Articles

Why LLMs Couldn't Count the R's in "Strawberry" — and How Spelling It Out Fixed It

An AI that writes essays and debugs code couldn't count the r's in "strawberry." The reason reveals how LLMs really see text — and the fix is simply spelling it out.

June 11, 2026 · 5 min read · llm, tokenization, ai, machine learning, prompt engineering, chain-of-thought, nlp, chatgpt, strawberry problem, ai limitations

A small robot gazes up at an oversized glowing strawberry, under the caption "The fruit that humbled billion-parameter models."

For a while, one of the most famous “gotchas” on the internet was embarrassingly simple: ask a state-of-the-art language model how many r’s are in the word strawberry, and watch a system capable of writing essays, debugging code, and passing professional exams confidently answer “two.”

How could something so smart fail at something a first-grader can do? The answer reveals something fundamental about how these models actually see text — and the fix turns out to be surprisingly low-tech.

A friendly robot holds a magnifying glass over the word "strawberry," which is split into two jigsaw pieces reading "straw" and "berry" — illustrating how a tokenizer breaks the word into chunks rather than letters.

LLMs Don’t See Letters — They See Tokens

When you type “strawberry” into a chat window, the model never receives the letters s-t-r-a-w-b-e-r-r-y. Before your text reaches the neural network, it passes through a tokenizer, which chops text into chunks called tokens. A token might be a whole word, a fragment of a word, or a piece of punctuation.

So “strawberry” might arrive as something like:

straw + berry, or
str + aw + berry

depending on the tokenizer. The model then works with numeric IDs representing those chunks — not the characters inside them. Asking it to count letters is a bit like asking someone to count the bricks in a wall when all they’ve ever been shown is a photo of the finished house.

Tokenization isn’t a design flaw — it’s a deliberate trade-off. Processing text in chunks instead of individual characters makes models dramatically faster and lets them fit far more text into their context window. Letter-counting is just one of the rare tasks where that trade-off bites.

This is also why LLMs historically struggled with related character-level tasks: reversing a word, finding the third letter, counting syllables, or playing Wordle well. The information about individual characters exists only implicitly in the model’s training, not explicitly in its input.

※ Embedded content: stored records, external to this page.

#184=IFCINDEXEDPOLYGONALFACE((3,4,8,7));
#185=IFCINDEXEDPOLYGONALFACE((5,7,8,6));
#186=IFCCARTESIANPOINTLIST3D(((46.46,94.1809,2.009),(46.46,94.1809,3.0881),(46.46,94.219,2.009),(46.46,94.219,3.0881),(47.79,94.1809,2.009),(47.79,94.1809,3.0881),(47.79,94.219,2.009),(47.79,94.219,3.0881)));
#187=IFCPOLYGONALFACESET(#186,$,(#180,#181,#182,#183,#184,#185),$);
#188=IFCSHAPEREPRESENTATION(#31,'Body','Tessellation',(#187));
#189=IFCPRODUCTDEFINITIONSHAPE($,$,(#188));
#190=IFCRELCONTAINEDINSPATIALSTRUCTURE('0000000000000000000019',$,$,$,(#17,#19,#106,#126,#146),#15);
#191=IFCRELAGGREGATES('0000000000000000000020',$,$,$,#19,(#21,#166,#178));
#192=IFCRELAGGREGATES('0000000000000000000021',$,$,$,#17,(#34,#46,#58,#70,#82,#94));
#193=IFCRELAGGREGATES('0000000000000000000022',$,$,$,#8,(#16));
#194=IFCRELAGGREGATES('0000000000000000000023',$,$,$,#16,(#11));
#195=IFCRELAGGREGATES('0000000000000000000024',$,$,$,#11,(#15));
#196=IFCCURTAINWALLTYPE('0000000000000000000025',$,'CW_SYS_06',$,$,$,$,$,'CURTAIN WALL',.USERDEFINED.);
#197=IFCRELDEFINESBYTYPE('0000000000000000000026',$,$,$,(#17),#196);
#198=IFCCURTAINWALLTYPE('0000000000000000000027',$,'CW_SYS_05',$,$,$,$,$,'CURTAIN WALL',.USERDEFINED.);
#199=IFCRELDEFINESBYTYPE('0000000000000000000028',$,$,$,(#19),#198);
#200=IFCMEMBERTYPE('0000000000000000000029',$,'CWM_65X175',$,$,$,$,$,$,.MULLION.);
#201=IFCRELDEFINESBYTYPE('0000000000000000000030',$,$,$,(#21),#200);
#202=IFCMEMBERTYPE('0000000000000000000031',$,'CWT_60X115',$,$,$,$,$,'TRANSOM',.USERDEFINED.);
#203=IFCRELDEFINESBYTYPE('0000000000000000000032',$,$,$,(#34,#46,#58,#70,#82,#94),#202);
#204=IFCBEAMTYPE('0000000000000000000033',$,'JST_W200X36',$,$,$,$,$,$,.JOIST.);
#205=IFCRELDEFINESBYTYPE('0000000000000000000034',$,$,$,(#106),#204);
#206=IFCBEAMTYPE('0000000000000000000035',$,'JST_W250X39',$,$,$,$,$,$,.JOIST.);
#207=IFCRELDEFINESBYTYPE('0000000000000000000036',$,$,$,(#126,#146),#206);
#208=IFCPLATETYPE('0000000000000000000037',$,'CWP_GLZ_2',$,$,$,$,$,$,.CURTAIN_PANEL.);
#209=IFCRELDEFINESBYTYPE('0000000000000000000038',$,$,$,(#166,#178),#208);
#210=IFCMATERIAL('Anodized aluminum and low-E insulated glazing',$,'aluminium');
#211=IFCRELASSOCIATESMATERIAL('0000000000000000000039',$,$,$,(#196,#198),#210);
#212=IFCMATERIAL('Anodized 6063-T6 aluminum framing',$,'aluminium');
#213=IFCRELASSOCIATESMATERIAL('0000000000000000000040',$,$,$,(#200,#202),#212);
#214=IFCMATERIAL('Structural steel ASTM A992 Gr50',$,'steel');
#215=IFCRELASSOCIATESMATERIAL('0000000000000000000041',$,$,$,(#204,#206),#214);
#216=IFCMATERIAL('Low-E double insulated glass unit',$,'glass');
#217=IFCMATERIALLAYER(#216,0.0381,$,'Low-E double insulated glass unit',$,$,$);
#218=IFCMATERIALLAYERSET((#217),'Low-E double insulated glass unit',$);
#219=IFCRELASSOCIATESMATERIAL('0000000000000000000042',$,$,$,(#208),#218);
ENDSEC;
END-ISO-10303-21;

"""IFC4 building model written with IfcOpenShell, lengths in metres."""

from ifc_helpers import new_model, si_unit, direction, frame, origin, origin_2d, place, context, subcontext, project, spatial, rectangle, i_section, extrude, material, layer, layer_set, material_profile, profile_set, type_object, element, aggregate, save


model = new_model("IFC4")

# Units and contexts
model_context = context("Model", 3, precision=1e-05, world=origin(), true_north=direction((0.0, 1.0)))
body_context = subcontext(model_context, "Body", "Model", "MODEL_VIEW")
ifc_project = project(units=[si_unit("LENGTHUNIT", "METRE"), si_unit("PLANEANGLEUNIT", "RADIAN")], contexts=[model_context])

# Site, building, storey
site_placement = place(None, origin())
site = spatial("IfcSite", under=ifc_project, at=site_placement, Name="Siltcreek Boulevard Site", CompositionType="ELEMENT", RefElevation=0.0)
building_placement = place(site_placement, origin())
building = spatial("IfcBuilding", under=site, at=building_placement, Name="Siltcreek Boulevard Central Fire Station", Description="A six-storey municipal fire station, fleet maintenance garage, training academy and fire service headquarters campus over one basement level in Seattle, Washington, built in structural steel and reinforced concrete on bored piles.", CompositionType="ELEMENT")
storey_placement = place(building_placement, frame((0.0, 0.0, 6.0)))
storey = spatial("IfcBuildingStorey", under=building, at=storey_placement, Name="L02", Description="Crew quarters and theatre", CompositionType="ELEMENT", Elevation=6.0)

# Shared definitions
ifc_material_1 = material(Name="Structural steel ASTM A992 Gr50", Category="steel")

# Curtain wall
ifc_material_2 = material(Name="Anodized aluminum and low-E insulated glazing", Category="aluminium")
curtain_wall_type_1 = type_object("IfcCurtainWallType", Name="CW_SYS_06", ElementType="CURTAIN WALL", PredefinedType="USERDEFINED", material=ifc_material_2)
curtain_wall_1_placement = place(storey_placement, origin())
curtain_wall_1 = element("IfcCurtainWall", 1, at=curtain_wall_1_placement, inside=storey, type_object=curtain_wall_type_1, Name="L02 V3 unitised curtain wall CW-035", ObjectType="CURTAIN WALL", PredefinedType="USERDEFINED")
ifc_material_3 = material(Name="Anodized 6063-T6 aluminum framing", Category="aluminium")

The Fix: Just Spell the Word Out

Here’s the interesting part. People noticed early on that if you gave an older model the word pre-broken into letters — s, t, r, a, w, b, e, r, r, y — it could suddenly count just fine. Each letter became its own token, so the model could finally “see” what it was counting.

Modern models internalized this trick. When you ask a current model to count letters, it typically does something like this in its own response or reasoning:

Spell the word out explicitly: s-t-r-a-w-b-e-r-r-y
Scan the spelled-out version for the target letter
Count the matches and answer

The crucial insight: once the model writes the word letter-by-letter, those individual characters become separate tokens in its own context. The model has essentially converted the problem into a form it can perceive — the same fix users used to apply manually, now applied automatically.

A before-and-after comparison: on the left, a confused robot squints at "strawberry" as a single tokenized block; on the right, a confident robot gives a thumbs-up beside the word spelled out as individual letter tiles, S-T-R-A-W-B-E-R-R-Y.

Is It a Tool, a Script, or Just… Text?

A common assumption is that models now call a Python script or an external tool to count letters. Some AI systems genuinely can do that — many chat products have code-execution sandboxes, and running word.count("r") is trivially reliable.

But in most everyday cases, no tool is involved at all. The model simply writes the spelling into its visible answer or its internal chain-of-thought, and that act of writing is what makes the letters countable. It’s self-help, not outsourcing:

Tool-based approach: the model generates code, an external interpreter runs it, and the result comes back. Maximum reliability, but requires infrastructure.
Spell-it-out approach: the model decomposes the word in plain text and counts from its own output. No infrastructure needed — just a learned habit of breaking the problem down.

What This Episode Says About LLMs

The strawberry saga is a small story with a big moral. It shows that:

LLM failures often reveal architecture, not intelligence. The models weren’t “dumb” — they were blind to a level of detail their input format hid from them.
Decomposition is a superpower. Breaking a problem into smaller, explicitly visible steps fixed letter counting, and the same principle underlies chain-of-thought reasoning, which improved LLM performance across math, logic, and planning.
Humans and models converged on the same workaround. Users discovered the spell-it-out trick through experimentation; later models learned to do it themselves. The fix migrated from the prompt into the model’s behavior.

There’s something almost charming about it: one of the most advanced technologies of our time was tripped up by a fruit, and the cure was the same thing a patient teacher tells a child — slow down and spell it out.